I've noted the great interest here on Kos on our upcoming election in Britain, and thought I would put together a little briefing on what to look out for those of taking an interest in British politics for the first time.
In this election we will elect 646 Members of Parliament, with the Prime Minister being the leader of the party which commands a majority of them. These members are elected by the first past the post system in individual districts known as constituencies here. Most of the constituencies are considered safe, so the parties will focus their efforts in the 100 or so which will decide the election, generally known as 'marginals'. Below the fold, I've written a bit about which groups and issues will decide the election in the different sorts of marginals we have in our two-and-a-half party system, and listed a small sample of key marginals of each type which might help you if you're following election night coverage on C-Span or BBC World.

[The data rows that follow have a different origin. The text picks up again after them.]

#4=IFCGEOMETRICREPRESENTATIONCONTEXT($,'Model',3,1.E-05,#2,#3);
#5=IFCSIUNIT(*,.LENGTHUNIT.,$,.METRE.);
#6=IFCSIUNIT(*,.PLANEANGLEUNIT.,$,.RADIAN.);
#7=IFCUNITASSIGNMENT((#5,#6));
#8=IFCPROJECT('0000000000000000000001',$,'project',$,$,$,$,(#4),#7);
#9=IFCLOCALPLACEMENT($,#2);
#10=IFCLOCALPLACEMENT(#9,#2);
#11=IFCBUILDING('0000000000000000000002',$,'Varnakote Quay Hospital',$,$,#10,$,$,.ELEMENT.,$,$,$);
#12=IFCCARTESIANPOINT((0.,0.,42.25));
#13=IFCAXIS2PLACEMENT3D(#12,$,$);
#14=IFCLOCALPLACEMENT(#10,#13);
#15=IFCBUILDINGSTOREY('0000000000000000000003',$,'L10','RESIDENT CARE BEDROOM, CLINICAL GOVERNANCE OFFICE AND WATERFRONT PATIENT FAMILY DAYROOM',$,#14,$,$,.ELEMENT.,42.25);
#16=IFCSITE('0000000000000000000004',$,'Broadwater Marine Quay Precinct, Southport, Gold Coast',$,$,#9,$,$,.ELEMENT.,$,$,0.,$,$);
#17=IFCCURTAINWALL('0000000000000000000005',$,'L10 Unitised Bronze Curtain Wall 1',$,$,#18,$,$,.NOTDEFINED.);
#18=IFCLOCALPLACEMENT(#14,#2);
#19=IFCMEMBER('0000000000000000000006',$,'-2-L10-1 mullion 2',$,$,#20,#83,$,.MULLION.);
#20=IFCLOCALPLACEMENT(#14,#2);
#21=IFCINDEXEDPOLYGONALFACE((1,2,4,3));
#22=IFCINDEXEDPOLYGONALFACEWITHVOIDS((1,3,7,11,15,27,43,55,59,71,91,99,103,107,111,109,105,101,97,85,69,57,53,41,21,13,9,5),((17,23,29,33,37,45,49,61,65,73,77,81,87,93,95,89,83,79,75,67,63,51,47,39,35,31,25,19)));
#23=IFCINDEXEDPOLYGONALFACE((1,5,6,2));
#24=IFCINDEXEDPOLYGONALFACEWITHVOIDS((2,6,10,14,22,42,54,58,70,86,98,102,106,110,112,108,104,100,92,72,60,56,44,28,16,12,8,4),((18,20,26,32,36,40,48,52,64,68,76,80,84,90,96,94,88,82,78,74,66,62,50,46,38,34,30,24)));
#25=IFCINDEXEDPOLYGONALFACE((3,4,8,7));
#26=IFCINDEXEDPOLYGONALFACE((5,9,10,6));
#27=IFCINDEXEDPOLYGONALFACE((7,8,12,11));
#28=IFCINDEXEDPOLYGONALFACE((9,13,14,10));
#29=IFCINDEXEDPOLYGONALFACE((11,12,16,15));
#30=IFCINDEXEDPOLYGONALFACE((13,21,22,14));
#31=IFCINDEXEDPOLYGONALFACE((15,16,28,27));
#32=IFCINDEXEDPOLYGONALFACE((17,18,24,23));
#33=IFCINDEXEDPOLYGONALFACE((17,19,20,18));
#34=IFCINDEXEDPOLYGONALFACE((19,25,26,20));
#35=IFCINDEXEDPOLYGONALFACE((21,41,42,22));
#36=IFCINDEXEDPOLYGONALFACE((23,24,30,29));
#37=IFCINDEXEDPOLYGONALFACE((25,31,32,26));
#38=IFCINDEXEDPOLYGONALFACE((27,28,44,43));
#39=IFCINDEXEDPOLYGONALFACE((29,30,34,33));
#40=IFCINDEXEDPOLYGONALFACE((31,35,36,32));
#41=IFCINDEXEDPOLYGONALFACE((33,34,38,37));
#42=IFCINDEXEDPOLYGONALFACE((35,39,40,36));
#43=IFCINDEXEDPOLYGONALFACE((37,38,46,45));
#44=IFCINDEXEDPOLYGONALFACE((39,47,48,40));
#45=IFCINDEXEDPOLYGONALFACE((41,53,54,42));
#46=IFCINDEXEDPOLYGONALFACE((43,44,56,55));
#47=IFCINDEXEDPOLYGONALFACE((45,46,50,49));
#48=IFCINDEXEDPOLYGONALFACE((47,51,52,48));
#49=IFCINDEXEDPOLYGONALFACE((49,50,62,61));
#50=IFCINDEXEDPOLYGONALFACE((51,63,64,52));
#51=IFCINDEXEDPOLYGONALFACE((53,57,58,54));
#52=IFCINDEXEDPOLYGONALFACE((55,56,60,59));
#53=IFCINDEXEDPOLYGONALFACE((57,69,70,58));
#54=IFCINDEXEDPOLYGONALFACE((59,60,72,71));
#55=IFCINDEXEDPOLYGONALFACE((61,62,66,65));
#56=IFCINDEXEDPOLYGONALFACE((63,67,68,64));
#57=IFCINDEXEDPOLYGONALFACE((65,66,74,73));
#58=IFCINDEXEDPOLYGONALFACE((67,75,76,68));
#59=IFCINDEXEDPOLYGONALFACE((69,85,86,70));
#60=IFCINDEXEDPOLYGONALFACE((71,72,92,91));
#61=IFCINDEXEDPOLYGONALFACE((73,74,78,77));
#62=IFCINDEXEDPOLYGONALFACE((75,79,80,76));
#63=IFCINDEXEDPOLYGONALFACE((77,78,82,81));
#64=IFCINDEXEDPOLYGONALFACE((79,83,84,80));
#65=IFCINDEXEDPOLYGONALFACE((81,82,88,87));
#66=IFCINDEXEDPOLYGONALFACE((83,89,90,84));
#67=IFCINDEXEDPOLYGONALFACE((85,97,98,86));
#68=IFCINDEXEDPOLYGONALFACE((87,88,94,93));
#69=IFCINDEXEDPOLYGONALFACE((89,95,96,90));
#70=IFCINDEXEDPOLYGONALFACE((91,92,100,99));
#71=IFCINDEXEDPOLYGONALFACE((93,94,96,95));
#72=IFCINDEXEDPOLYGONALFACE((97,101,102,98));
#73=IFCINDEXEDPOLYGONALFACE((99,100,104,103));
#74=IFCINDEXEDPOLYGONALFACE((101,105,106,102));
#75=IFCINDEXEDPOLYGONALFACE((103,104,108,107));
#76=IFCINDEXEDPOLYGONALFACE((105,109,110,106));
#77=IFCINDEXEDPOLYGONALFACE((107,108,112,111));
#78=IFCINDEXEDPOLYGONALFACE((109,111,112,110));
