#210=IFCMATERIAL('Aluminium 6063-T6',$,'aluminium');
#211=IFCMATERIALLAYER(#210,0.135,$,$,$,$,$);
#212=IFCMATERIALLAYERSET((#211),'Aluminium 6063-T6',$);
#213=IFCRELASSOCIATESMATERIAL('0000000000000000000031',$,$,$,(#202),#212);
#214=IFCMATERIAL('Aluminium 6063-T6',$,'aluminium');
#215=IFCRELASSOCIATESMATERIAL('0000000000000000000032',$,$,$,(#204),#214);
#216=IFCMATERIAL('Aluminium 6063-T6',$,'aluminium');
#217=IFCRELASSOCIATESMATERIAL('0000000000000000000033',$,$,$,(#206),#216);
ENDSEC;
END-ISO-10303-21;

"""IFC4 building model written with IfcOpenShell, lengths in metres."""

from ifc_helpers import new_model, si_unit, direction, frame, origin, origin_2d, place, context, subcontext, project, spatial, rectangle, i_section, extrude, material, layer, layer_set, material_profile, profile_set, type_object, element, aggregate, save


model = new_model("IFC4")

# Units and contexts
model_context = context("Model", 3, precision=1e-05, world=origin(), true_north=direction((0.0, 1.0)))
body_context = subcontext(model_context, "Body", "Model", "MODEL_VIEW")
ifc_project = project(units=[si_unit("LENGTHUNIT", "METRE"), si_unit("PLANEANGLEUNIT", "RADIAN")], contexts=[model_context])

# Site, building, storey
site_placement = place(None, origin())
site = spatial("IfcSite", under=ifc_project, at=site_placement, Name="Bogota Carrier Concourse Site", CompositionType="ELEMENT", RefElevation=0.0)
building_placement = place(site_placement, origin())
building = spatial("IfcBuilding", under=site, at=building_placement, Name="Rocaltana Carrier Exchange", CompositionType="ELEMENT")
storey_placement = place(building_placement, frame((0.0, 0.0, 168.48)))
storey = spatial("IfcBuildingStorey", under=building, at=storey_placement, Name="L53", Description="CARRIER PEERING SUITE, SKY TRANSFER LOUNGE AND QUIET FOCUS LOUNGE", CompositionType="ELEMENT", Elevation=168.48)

Labour have won two landslide election victories in a row, with almost two-thirds of the seats in Parliament on just over 40% of the vote each time. The Tories have had their two worst election results since 1832, and the LibDems have trodden water in the high teens % since the early 90s, but have gained seats due to ruthless targeting of resources. In the past three elections, Labour and LibDem voters have tended to support for the other party in constituencies where their first choice party is weak, such was the hatred of the Tories among centre-left voters. This is expected to be a much weaker factor this time, as Blair is hated by an awful lot of people in this country. The Tories are more or less where they were at the last election in current opinion polls, and there seems to be a switch of ~5% from Labour to the LibDems.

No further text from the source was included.